Для начала, в нулевой день, предварительно подогрейте безсывороточную дифференцировочную среду или среду SFD, содержащую 1 цитокин до 37 градусов Цельсия. Затем, под стерильным тканевым культуральным колпаком, добавьте среду, обогащенную цитокином, Mix 1 в каждую лунку шестилуночного планшета для репеллента. Чтобы получить клетки, аспирируйте питательную среду из шестилуночного планшета, содержащего индуцированные человеком плюрипотентные стволовые клетки или человеческие IPS-клетки.
Промойте их с помощью DPBS с последующей аспирацией DPBS. Затем добавьте в клетки диссоциационный реагент и инкубируйте их при комнатной температуре в течение минуты. После аспирации этого диссоциационного реагента инкубируйте клетки еще три минуты при комнатной температуре.
Затем коснитесь пластины, содержащей клетки, 10 раз с каждой стороны, чтобы отделить кластеры клеток. Добавьте один миллилитр предварительно подогретой среды Mix 1 с добавлением цитокина SFD в клетки на лунку. С помощью пастбищной пипетки перенесите кластеры клеток из каждой лунки в одну лунку клеточной репеллентной пластины, содержащей среду с цитокином Mix 1.
После введения тарелки в инкубатор перемещайте ее вперед и назад, а также из стороны в сторону, чтобы равномерно распределить содержимое и инкубировать его для формирования эмбриоидных тел, или БЭ. На следующий день поверните пластину с репеллентами, содержащую БЭ, чтобы собрать их в центре лунок. С помощью пастеровской пипетки перенесите суспензию EB из лунок в 15-миллилитровую центрифужную пробирку.
Подождите пять-10 минут, пока БЭ осядут на дне трубки. Тем временем промойте отталкивающие пластины стерильной водой или DPBS, чтобы удалить отдельные клетки или мусор. Добавьте два миллилитра Mix 1 с добавлением цитокина SFD в каждую лунку пластины.
Теперь аккуратно отсасывайте надосадочную жидкость из центрифужной пробирки, не смещая БЭ. Ресуспендируйте БЭ в расчетном объеме среды SFD, содержащей цитокин Mix 1. Добавьте по одному миллилитру суспензии EB в каждую лунку промытой клеточной отталкивающей пластины, уже содержащей два миллилитра среды.
Инкубируйте планшет после диспергирования EB, осторожно перемещая планшет, как упоминалось ранее. После сбора EB в центре лунок, добавьте хирон сбоку от каждой лунки, избегая прямого контакта с клетками, инкубируйте лунки, как было показано ранее. В третий и шестой дни дифференцировки соберите EB и выполните смену среды, как было показано ранее в первый день.

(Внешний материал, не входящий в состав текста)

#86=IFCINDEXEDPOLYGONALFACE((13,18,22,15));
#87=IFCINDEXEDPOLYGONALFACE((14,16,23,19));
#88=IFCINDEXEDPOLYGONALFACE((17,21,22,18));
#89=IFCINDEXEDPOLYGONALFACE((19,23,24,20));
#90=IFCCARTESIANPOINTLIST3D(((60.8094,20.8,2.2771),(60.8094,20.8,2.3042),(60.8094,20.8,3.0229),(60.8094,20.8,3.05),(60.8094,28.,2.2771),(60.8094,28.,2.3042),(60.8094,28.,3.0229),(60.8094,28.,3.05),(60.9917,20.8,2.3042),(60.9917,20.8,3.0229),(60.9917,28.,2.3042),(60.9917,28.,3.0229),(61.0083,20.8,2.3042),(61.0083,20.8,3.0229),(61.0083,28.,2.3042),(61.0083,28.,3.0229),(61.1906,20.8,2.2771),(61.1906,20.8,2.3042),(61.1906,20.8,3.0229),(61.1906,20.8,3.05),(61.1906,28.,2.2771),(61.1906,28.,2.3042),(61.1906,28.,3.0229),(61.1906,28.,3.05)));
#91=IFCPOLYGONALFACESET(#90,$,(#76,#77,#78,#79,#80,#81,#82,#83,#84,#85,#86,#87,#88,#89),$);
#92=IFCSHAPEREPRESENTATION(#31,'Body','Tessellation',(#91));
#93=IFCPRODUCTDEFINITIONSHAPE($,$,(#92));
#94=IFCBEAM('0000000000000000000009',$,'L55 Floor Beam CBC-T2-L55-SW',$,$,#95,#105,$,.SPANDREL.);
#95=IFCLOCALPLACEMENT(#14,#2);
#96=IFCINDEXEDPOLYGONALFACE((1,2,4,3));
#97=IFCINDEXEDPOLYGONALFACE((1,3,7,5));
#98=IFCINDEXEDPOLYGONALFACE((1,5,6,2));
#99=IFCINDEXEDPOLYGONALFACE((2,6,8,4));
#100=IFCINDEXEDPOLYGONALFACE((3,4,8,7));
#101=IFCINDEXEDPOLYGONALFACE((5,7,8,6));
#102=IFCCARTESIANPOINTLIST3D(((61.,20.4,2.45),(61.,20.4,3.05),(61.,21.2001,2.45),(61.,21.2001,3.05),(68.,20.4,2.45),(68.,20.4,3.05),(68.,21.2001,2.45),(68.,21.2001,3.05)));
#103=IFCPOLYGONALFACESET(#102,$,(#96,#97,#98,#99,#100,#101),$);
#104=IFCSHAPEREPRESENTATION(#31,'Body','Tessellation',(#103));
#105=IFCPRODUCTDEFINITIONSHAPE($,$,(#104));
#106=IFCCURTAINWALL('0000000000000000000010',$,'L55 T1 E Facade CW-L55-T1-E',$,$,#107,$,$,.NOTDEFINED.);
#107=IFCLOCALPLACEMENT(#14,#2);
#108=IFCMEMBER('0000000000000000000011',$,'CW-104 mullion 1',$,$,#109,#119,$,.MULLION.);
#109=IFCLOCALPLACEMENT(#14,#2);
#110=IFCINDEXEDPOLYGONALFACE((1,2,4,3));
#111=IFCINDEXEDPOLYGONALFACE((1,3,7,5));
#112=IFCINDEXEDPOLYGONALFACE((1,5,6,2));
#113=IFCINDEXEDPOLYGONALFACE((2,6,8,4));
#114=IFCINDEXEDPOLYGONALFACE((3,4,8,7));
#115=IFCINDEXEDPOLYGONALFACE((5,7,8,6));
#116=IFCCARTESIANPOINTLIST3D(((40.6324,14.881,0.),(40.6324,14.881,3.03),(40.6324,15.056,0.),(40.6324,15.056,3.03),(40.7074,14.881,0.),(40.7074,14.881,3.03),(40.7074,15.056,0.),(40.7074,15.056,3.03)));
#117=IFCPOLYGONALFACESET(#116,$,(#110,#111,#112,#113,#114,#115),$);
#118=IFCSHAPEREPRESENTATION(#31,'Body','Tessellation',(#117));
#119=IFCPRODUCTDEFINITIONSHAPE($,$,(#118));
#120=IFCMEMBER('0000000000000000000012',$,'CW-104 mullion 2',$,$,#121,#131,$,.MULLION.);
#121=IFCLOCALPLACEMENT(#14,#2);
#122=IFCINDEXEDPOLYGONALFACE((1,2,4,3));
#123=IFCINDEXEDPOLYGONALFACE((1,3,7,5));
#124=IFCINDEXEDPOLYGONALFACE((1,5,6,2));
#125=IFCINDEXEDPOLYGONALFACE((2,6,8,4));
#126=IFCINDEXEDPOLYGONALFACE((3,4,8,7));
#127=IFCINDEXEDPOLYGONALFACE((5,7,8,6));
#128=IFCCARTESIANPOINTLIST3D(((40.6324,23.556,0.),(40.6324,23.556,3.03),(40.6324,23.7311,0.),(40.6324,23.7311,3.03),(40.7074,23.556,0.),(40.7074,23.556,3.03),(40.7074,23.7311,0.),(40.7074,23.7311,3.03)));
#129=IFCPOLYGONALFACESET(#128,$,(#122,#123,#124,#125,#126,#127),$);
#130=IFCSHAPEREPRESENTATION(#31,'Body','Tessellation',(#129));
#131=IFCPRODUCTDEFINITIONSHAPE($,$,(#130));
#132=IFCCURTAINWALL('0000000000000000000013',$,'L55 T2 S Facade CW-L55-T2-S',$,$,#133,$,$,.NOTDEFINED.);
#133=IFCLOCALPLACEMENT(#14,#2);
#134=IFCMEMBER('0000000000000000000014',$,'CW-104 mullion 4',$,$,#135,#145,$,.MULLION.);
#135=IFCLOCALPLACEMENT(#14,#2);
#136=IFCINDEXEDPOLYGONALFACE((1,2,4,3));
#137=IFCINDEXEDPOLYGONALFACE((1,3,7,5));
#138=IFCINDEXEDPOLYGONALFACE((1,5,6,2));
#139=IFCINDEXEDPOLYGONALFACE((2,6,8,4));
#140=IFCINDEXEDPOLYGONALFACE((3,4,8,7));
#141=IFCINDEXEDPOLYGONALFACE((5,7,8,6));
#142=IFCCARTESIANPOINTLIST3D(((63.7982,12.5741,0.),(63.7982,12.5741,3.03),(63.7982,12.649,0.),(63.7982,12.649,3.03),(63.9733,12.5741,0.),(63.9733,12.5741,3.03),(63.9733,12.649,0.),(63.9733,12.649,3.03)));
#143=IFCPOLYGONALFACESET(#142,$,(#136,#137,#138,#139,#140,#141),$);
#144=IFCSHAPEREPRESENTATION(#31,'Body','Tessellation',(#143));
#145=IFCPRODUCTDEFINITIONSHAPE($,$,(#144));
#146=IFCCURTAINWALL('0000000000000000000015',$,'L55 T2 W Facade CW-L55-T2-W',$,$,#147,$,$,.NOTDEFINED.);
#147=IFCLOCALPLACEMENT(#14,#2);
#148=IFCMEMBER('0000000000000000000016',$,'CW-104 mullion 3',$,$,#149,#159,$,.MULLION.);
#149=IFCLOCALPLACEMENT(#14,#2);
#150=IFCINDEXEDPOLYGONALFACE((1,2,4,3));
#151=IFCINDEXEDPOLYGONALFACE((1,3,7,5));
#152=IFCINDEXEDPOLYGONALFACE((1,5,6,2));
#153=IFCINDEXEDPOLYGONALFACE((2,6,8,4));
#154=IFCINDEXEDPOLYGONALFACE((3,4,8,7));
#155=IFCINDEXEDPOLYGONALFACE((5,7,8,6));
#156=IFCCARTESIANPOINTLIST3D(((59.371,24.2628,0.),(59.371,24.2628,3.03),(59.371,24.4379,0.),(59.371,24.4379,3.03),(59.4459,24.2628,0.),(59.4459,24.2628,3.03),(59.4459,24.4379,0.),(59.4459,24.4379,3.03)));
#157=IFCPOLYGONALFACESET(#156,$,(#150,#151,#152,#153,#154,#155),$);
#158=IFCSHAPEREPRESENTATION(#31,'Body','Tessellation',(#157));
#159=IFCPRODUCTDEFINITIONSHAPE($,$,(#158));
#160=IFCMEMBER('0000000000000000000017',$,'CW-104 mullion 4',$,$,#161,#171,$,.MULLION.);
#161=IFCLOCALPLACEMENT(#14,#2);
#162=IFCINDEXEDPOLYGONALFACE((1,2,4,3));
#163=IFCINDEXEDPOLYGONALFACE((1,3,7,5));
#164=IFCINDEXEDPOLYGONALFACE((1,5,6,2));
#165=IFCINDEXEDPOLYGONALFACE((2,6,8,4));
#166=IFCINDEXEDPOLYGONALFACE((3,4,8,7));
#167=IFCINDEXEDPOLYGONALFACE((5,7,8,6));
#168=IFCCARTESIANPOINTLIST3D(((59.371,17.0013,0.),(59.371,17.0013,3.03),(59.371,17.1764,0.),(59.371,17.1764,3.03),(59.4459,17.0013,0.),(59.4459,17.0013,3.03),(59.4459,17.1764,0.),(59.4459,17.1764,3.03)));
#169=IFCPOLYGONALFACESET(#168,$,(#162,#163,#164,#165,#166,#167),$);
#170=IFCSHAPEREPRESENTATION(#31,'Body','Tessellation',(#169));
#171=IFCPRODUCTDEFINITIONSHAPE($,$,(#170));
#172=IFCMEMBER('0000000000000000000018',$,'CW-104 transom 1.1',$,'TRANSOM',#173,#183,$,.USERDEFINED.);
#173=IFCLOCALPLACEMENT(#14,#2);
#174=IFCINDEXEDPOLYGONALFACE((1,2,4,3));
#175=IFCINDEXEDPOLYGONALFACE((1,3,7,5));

Используйте среду SFD с добавлением цитокинов Mix 3 на третий день и используйте среду SFD с добавлением цитокинов Mix 4 на шестой день. После сбора и осаждения БЭ из клеточного репеллентного планшета в 15-миллилитровую центрифужную пробирку, как было показано ранее, аспирируйте надосадочную жидкость, затем добавьте один миллилитр реагента для диссоциации клеток в каждую лунку БЭ, собранную в пробирке, чтобы ресуспендировать БЭ. Далее перелейте по одному миллилитру этой суспензии в каждую лунку ячейки репеллентной пластины, промытой водой.
После 10-минутной инкубации планшета в инкубаторе с помощью пипетки P1000 диссоциируйте БЭ в каждой лунке, осторожно пипетируя вверх и вниз не более 10 раз. Затем добавьте пять миллилитров промывочного буфера на лунку диссоциированных БЭ. Соберите клетки в 50-миллилитровую центрифужную пробирку, пропустив их через 40-микронное ситечко.
После подсчета клеток в отфильтрованной суспензии раскрутите клетки в течение 10 минут при 300 г. Восстановите суспендию клеток в 300 микролитрах промывочного буфера, осторожно проведя пипетирование несколько раз, убедившись, что в них нет комков. Приступайте к выделению CD34-положительных клеток с помощью набора микрогранул CD34 в соответствии с инструкциями производителя.
БЭ хорошего качества показали четкую границу ко второму дню дифференцировки и казались четкими и яркими при наблюдении под микроскопом. Наличие более темных участков указывало на гибель клеток внутри БЭ. После обработки хироном в различных концентрациях на второй день количественная оценка количества CD34-положительных клеток на восьмой день дифференцировки показала реакцию клеточной линии на лечение.
Проточная цитометрия показала, что CD34-положительное обогащение с помощью магнитных шариков обеспечивает около 85% CD34-положительных клеток.